Jonathan Michael "Jonny" Rowell (born 10 September 1989) is an English footballer who plays as a midfielder.

Rowell began his career in his native England and played in League One for Hartlepool United but he has predominantly spent his career in Belgium and played in the Belgian Pro League for Waasland-Beveren; he also played in the Challenger Pro League for Dender EH but left Dender following their promotion to the top flight. He has also played in the Belgian lower leagues for Olympic Charleroi and Berchem Sport. Rowell has also had a brief stint playing in the Netherlands for Eerste Divisie side FC Eindhoven.

==Career==
===Early career===
Jonny began playing football for Newcastle United in their academy since he was nine up until he his was 16. Whilst in the Under-16s, he played alongside future England international Andy Carroll. After being let go by the Premiership club, the midfielder was signed by League One club Hartlepool United after a successful trial in January 2006.

He signed an early first team contract in January 2008 to keep him with North-East club, due to apparent interest from other clubs.

Rowell was named in the first team squad in the 2007–08 season against Crewe Alexandra and Bristol Rovers, however in both games he was an unused sub. Later in the season, an injury in a reserve team match ruled him out for the rest of the season. He went on to win the Youth Team's Player of the Year at the end of the season as voted for by the Hartlepool supporters.

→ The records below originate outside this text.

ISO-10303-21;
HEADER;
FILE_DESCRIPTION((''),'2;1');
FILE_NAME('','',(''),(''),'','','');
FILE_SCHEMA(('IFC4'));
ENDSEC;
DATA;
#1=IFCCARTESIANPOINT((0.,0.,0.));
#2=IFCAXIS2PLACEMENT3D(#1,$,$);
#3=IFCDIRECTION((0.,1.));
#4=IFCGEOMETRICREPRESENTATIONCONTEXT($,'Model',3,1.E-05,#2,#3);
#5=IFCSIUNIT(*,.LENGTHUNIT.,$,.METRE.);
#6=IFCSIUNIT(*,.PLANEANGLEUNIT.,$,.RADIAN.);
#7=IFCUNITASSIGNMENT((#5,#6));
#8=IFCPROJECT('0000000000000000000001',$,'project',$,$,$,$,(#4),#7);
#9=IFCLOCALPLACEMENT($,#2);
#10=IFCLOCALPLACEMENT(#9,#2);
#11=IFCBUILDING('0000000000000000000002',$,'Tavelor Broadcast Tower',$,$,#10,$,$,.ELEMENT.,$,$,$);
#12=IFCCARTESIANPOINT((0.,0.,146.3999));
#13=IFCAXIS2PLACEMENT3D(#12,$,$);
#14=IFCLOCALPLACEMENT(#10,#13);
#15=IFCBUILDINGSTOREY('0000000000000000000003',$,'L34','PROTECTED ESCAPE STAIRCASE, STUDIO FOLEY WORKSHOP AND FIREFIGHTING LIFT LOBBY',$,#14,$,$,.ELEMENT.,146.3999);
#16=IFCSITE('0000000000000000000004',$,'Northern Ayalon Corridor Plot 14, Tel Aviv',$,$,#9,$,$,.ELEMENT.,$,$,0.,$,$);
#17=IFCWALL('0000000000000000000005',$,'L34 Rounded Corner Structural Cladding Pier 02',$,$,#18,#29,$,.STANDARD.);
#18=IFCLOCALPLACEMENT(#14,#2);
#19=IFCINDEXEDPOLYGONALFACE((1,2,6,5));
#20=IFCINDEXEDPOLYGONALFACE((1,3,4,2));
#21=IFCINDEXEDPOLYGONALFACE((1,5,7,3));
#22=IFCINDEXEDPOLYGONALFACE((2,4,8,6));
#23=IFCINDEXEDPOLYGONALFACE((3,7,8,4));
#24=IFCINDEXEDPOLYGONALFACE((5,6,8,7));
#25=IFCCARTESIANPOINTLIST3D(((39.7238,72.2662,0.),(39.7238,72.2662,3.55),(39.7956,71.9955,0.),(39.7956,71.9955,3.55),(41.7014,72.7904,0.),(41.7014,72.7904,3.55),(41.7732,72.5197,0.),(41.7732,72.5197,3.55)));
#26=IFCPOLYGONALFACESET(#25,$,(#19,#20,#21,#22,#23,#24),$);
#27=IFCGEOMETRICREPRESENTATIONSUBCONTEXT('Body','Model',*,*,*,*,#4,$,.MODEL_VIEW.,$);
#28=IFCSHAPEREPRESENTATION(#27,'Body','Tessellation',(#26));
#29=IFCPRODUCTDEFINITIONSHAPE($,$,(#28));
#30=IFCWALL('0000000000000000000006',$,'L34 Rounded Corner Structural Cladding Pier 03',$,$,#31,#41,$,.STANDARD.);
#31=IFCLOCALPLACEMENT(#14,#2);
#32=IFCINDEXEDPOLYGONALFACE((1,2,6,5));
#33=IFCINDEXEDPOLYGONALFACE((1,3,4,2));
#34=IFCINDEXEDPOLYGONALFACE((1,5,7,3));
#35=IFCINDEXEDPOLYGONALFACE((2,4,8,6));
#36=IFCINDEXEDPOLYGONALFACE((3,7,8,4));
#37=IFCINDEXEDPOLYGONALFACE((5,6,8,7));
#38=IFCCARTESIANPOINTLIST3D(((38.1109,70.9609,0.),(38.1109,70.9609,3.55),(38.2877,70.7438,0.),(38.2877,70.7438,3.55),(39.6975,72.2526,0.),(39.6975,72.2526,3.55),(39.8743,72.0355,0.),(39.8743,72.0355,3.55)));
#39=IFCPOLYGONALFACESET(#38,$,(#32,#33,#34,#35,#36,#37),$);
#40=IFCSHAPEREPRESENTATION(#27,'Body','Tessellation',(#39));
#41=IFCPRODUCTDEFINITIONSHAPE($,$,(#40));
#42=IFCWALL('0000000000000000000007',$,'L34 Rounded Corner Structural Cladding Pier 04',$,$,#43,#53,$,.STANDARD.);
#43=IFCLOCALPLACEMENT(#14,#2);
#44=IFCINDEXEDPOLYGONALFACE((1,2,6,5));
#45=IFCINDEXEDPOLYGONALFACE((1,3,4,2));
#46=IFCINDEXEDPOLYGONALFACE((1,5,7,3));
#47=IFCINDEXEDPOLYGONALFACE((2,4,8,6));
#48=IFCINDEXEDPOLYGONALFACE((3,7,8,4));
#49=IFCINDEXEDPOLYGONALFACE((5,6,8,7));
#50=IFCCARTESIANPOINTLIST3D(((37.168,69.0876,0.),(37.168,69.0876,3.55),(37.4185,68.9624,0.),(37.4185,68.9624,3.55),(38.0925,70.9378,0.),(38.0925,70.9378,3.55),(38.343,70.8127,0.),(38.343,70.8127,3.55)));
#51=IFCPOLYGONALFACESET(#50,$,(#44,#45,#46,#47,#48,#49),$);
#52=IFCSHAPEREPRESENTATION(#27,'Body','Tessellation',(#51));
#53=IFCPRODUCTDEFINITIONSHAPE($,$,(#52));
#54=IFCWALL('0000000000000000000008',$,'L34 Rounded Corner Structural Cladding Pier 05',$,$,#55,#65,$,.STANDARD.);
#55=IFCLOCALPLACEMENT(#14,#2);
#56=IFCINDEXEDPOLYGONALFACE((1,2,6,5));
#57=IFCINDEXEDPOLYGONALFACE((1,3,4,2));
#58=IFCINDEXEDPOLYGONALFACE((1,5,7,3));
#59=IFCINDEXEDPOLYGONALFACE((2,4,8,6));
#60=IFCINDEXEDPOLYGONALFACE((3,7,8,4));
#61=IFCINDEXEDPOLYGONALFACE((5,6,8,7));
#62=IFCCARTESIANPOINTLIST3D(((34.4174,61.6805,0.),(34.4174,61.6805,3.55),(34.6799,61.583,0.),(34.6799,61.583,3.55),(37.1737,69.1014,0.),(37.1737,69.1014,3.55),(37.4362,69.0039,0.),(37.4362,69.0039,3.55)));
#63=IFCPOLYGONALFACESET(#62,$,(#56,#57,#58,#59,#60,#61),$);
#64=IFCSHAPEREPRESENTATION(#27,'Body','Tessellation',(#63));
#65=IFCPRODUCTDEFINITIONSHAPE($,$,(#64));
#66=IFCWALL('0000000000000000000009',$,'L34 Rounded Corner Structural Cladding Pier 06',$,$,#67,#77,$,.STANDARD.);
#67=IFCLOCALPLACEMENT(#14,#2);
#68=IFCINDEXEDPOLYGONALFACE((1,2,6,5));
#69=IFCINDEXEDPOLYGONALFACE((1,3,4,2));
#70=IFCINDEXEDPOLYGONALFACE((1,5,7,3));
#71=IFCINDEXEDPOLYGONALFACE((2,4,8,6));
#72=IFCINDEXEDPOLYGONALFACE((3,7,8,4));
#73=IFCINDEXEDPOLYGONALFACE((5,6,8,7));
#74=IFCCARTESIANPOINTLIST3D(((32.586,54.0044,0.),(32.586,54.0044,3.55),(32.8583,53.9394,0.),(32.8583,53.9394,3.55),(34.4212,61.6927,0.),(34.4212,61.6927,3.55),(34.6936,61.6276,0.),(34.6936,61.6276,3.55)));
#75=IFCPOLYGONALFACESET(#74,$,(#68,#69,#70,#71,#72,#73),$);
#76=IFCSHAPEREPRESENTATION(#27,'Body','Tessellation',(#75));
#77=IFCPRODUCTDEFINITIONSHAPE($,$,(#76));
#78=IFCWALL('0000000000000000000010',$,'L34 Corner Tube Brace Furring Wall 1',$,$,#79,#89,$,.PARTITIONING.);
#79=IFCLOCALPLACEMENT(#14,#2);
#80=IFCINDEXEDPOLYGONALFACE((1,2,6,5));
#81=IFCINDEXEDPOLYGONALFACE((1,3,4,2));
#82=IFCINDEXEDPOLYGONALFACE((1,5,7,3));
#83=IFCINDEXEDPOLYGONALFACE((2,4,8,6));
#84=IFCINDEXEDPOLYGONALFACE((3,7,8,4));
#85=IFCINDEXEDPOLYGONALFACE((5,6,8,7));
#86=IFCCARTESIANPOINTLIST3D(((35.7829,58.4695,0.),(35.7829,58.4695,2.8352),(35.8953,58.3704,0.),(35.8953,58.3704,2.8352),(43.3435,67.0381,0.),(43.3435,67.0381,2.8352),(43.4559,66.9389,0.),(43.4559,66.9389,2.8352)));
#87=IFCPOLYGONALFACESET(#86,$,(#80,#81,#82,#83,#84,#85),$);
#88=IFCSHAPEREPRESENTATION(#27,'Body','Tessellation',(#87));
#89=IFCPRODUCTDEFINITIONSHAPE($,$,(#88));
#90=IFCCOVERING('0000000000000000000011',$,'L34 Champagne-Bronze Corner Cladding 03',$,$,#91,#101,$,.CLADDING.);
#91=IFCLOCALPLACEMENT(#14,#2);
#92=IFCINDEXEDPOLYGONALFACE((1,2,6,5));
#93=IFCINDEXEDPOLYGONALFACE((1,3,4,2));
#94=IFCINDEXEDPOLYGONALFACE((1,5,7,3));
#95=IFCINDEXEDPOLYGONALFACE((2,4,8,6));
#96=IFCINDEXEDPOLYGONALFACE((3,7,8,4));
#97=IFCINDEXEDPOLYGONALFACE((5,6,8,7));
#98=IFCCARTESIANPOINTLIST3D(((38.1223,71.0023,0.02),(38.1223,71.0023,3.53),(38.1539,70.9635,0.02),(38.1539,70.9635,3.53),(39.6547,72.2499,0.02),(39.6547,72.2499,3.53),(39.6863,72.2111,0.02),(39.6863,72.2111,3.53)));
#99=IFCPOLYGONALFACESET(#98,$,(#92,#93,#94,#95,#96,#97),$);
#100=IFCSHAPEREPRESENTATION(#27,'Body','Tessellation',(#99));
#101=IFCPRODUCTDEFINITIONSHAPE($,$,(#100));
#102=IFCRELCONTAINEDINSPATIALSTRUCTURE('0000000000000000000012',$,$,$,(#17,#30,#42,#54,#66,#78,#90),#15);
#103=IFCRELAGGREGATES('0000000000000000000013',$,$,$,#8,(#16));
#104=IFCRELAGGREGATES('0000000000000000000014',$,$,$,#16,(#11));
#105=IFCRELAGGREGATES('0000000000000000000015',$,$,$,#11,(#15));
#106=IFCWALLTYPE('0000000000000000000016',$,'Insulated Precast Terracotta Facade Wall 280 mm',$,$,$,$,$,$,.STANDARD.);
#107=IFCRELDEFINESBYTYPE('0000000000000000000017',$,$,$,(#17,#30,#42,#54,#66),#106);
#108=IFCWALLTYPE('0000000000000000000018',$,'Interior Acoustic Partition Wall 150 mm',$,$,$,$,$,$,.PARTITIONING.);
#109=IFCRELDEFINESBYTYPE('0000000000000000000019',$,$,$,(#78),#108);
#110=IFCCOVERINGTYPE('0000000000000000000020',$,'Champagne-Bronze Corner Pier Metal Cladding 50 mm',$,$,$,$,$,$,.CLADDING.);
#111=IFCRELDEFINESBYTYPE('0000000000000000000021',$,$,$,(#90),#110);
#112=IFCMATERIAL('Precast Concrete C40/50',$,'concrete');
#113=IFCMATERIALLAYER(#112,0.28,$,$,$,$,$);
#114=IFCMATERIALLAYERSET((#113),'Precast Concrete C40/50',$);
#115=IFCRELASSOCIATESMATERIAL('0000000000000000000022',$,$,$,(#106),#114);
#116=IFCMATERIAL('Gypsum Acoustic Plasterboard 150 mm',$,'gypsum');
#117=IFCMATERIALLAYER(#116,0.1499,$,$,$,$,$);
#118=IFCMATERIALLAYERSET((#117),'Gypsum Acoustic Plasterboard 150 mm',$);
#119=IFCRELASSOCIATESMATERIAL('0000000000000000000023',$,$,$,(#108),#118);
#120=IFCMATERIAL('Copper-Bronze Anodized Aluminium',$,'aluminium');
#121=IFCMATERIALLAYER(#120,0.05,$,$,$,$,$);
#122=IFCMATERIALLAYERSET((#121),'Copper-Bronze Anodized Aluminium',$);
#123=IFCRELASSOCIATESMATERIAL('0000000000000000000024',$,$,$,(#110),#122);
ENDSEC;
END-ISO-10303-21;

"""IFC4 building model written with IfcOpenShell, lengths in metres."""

from ifc_helpers import new_model, si_unit, direction, frame, frame_2d, origin, origin_2d, place, context, subcontext, project, spatial, rectangle, extrude, material, layer, layer_set, type_object, element, save


model = new_model("IFC4")

# Units and contexts
model_context = context("Model", 3, precision=1e-05, world=origin(), true_north=direction((0.0, 1.0)))
body_context = subcontext(model_context, "Body", "Model", "MODEL_VIEW")
ifc_project = project(units=[si_unit("LENGTHUNIT", "METRE"), si_unit("PLANEANGLEUNIT", "RADIAN")], contexts=[model_context])

# Site, building, storey
site_placement = place(None, origin())
site = spatial("IfcSite", under=ifc_project, at=site_placement, Name="Northern Ayalon Corridor Plot 14, Tel Aviv", CompositionType="ELEMENT", RefElevation=0.0)
building_placement = place(site_placement, origin())
building = spatial("IfcBuilding", under=site, at=building_placement, Name="Tavelor Broadcast Tower", CompositionType="ELEMENT")
storey_placement = place(building_placement, frame((0.0, 0.0, 146.3999)))
storey = spatial("IfcBuildingStorey", under=building, at=storey_placement, Name="L34", Description="PROTECTED ESCAPE STAIRCASE, STUDIO FOLEY WORKSHOP AND FIREFIGHTING LIFT LOBBY", CompositionType="ELEMENT", Elevation=146.3999)

# Walls
ifc_material_1 = material(Name="Precast Concrete C40/50", Category="concrete")
ifc_layer_1 = layer(ifc_material_1, 0.28)
ifc_layer_set_1 = layer_set([ifc_layer_1], Name="Precast Concrete C40/50")
wall_type_1 = type_object("IfcWallType", Name="Insulated Precast Terracotta Facade Wall 280 mm", PredefinedType="STANDARD", material=ifc_layer_set_1)
for number, where, z_axis, x_axis, name in (
    (1, (41.7373, 72.655, 0.0), (0.0, 0.0, 1.0), (-0.96662, -0.256214, 0.0), "L34 Rounded Corner Structural Cladding Pier 02"),
    (2, (39.7859, 72.144, 0.0), (0.0, 0.0, 1.0), (-0.775497, -0.631352, 0.0), "L34 Rounded Corner Structural Cladding Pier 03"),
):
    element("IfcWall", number, at=place(storey_placement, frame(where, z_axis=z_axis, x_axis=x_axis)), inside=storey, type_object=wall_type_1, Name=name, PredefinedType="STANDARD", context=body_context, shape_type="SweptSolid", body=[
        extrude(rectangle(XDim=2.0459, YDim=0.28, at=frame_2d((1.0229, 0.0))), origin(), (0.0, 0.0, 1.0), 3.55),
    ])
wall_1_placement = place(storey_placement, frame((38.2178, 70.8752, 0.0), z_axis=(0.0, 0.0, 1.0), x_axis=(-0.446978, -0.894545, 0.0)))
element("IfcWall", 3, at=wall_1_placement, inside=storey, type_object=wall_type_1, Name="L34 Rounded Corner Structural Cladding Pier 04", PredefinedType="STANDARD", context=body_context, shape_type="SweptSolid", body=[
    extrude(rectangle(XDim=2.0684, YDim=0.28, at=frame_2d((1.0342, 0.0))), origin(), (0.0, 0.0, 1.0), 3.55),
])
wall_2_placement = place(storey_placement, frame((37.3049, 69.0525, 0.0), z_axis=(0.0, 0.0, 1.0), x_axis=(-0.348188, -0.937425, 0.0)))
element("IfcWall", 4, at=wall_2_placement, inside=storey, type_object=wall_type_1, Name="L34 Rounded Corner Structural Cladding Pier 05", PredefinedType="STANDARD", context=body_context, shape_type="SweptSolid", body=[
    extrude(rectangle(XDim=7.9163, YDim=0.28, at=frame_2d((3.958, 0.0))), origin(), (0.0, 0.0, 1.0), 3.55),
])
wall_3_placement = place(storey_placement, frame((34.5574, 61.6602, 0.0), z_axis=(0.0, 0.0, 1.0), x_axis=(-0.23218, -0.972673, 0.0)))
element("IfcWall", 5, at=wall_3_placement, inside=storey, type_object=wall_type_1, Name="L34 Rounded Corner Structural Cladding Pier 06", PredefinedType="STANDARD", context=body_context, shape_type="SweptSolid", body=[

Rowell made his first appearance for Hartlepool United the season after in a Football League Trophy game against fellow League One side Leicester City on 2 September 2008, however Hartlepool went on to lose this match 3–0. He made his first ever League start for an injury struck Hartlepool, just three months later against Hereford United. Hartlepool boss Danny Wilson said that he thought "Rowell's debut was terrific".

===Move to Belgium===
He was then released by Hartlepool at the end of the 2009–10 season and signed for Belgian Third Division B side Olympic Charleroi on 7 July 2010 where he soon became a fan favourite. Olympic Charleroi finished 8th at the end of the season.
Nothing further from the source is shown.